Iran marked the 40th anniversary of its Islamic Revolution this week.
For the most part, the rest of the world wasn't celebrating.
And even in Tehran and elsewhere in the Islamic Republic, the public is restless, reflecting dissatisfaction with economic mismanagement, endemic corruption and endless geopolitical strife.
"After 40 years, Iranians today have to feel pretty hopeless in trying to bring about amelioration of the characteristics that so disappoint people about the Islamic Republic, like corruption and international isolation," said Patrick Clawson, director of research at the Washington Institute for Near East Policy.
That international isolation intensified this week in Warsaw, site of a White House-convened confab focused on Mideast security (which is also the topic of this month's Global Minnesota "Great Decisions" dialogue).

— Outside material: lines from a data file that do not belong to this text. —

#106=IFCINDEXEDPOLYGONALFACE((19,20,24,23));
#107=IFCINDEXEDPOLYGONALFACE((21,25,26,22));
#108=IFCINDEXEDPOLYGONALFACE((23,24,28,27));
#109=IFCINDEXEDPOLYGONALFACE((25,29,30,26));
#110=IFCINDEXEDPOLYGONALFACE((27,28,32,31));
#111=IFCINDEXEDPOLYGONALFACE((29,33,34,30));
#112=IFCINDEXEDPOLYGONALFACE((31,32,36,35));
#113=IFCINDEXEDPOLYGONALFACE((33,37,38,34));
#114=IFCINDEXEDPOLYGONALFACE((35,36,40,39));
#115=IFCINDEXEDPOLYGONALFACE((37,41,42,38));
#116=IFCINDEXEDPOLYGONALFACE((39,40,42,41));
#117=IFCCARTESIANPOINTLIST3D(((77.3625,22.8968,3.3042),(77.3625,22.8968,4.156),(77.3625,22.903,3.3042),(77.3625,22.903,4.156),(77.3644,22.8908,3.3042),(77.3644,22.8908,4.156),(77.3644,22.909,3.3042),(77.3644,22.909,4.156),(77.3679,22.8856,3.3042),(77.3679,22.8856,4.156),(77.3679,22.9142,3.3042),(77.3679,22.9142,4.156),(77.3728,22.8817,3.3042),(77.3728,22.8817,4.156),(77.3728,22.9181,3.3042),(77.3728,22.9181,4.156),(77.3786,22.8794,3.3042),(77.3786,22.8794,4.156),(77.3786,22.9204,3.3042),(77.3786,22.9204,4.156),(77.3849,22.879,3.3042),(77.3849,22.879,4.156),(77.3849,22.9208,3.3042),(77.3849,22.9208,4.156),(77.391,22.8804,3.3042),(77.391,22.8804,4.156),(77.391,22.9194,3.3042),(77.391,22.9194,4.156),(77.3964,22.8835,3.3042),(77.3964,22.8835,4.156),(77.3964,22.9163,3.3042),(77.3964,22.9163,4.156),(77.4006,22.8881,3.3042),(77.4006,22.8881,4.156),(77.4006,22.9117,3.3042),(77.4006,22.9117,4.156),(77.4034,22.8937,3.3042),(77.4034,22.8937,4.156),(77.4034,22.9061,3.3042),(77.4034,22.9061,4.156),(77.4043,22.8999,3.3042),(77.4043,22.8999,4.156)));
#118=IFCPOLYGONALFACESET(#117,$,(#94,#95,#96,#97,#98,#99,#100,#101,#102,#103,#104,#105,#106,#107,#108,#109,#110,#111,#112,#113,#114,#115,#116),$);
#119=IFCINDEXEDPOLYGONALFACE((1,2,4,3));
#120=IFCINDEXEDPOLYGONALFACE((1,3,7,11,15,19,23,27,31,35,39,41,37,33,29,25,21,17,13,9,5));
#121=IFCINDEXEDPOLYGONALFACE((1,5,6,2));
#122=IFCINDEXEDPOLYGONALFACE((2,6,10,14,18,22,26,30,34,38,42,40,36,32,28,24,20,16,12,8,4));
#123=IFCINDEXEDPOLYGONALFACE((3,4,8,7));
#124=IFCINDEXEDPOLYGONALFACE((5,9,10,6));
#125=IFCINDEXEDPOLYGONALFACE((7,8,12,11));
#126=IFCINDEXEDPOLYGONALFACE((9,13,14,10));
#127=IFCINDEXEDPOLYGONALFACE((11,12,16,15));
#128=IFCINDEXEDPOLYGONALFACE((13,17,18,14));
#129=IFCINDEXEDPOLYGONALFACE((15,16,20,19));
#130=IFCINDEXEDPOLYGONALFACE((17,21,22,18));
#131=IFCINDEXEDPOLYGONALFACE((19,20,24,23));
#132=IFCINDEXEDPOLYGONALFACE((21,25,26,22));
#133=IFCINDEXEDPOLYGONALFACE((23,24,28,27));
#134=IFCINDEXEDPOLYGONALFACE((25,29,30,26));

But before and especially during the conference, it was clear that the theocracy's regionally, even globally, destabilizing behavior, including backing the homicidal Assad regime in Syria as well as terrorist entities like Hezbollah, was the real reason for the meeting.
"You can't achieve peace and stability in the Middle East without confronting Iran; it's just not possible," Secretary of State Mike Pompeo told Israeli Prime Minister Benjamin Netanyahu.

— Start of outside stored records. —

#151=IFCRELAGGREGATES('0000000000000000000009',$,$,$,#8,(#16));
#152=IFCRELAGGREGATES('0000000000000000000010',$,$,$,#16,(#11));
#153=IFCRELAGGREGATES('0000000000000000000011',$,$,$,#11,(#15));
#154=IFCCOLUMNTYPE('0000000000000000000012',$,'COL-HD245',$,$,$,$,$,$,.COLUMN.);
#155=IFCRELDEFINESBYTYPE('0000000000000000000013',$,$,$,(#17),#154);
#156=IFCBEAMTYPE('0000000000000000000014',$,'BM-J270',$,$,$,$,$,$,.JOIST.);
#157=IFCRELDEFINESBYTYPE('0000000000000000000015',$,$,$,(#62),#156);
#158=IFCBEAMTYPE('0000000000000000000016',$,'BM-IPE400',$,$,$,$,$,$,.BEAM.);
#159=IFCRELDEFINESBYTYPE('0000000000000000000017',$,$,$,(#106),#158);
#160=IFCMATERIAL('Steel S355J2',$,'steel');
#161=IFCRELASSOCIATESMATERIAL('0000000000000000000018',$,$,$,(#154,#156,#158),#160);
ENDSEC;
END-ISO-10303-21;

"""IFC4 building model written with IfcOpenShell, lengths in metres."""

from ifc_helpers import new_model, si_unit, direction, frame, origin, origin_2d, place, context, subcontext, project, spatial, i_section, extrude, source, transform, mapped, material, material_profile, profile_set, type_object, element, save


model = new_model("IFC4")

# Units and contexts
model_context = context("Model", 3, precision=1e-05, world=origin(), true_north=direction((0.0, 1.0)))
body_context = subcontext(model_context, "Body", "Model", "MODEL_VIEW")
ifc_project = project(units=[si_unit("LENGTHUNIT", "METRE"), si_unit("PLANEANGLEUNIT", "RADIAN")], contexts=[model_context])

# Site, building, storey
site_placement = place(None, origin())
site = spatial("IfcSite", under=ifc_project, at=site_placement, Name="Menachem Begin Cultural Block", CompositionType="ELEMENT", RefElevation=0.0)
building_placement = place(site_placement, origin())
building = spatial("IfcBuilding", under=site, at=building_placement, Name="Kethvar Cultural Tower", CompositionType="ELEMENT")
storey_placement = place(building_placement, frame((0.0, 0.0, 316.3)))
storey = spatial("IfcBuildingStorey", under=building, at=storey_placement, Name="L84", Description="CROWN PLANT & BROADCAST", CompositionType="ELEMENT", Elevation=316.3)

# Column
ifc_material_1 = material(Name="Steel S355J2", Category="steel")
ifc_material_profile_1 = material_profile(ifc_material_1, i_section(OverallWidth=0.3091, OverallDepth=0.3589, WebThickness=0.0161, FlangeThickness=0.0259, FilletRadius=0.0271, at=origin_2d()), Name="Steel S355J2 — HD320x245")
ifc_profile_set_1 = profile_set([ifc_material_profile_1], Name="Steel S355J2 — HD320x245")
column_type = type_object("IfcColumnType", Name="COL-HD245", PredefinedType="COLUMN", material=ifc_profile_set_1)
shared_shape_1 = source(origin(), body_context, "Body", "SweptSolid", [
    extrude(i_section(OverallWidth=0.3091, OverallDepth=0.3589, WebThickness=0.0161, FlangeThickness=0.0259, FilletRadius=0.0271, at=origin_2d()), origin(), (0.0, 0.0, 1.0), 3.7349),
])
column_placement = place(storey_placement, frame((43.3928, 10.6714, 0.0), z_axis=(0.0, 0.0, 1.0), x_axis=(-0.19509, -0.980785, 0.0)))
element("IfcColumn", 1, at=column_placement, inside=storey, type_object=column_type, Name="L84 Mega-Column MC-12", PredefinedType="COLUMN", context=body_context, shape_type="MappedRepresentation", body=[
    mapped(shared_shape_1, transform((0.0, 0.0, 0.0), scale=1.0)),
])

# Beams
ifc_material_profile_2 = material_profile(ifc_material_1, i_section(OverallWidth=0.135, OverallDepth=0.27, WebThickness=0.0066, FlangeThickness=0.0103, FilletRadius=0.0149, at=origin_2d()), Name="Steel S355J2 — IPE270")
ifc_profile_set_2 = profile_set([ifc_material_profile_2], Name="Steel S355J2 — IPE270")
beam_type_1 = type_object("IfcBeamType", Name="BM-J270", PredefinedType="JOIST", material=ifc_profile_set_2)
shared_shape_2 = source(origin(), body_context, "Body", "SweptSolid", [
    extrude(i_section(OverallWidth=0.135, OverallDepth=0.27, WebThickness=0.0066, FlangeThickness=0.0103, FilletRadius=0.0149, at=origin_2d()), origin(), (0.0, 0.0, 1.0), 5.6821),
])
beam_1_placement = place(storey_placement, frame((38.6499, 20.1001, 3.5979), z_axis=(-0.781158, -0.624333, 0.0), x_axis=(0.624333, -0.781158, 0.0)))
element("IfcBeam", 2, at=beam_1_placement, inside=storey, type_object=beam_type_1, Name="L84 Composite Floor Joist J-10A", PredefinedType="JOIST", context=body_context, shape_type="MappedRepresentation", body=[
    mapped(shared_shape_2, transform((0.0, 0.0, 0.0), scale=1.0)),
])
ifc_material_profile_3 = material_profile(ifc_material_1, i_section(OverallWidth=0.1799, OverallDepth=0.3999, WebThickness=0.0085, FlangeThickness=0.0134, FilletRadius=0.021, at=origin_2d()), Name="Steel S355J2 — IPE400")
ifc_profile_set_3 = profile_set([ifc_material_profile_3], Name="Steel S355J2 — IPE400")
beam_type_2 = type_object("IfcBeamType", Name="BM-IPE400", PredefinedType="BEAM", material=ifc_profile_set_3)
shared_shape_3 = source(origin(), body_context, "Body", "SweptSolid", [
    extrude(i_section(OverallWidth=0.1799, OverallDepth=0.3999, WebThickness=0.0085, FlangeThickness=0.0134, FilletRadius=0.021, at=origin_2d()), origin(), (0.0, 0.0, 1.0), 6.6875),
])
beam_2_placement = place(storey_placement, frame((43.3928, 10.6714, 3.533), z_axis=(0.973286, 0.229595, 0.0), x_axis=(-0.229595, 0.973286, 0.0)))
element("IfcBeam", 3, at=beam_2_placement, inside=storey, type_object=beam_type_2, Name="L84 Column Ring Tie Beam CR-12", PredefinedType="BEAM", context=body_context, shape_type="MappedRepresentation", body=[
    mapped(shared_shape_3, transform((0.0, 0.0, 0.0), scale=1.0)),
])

And seemingly it wasn't possible for Netanyahu to conceal the subtext of the conference, either. In a since-deleted "mistaken" tweet, he wrote: "What is important about this meeting, and it is not in secret, because there are many of those — is that this is an open meeting with representatives of leading Arab countries, that are sitting down together with Israel in order to advance the common interest of war with Iran."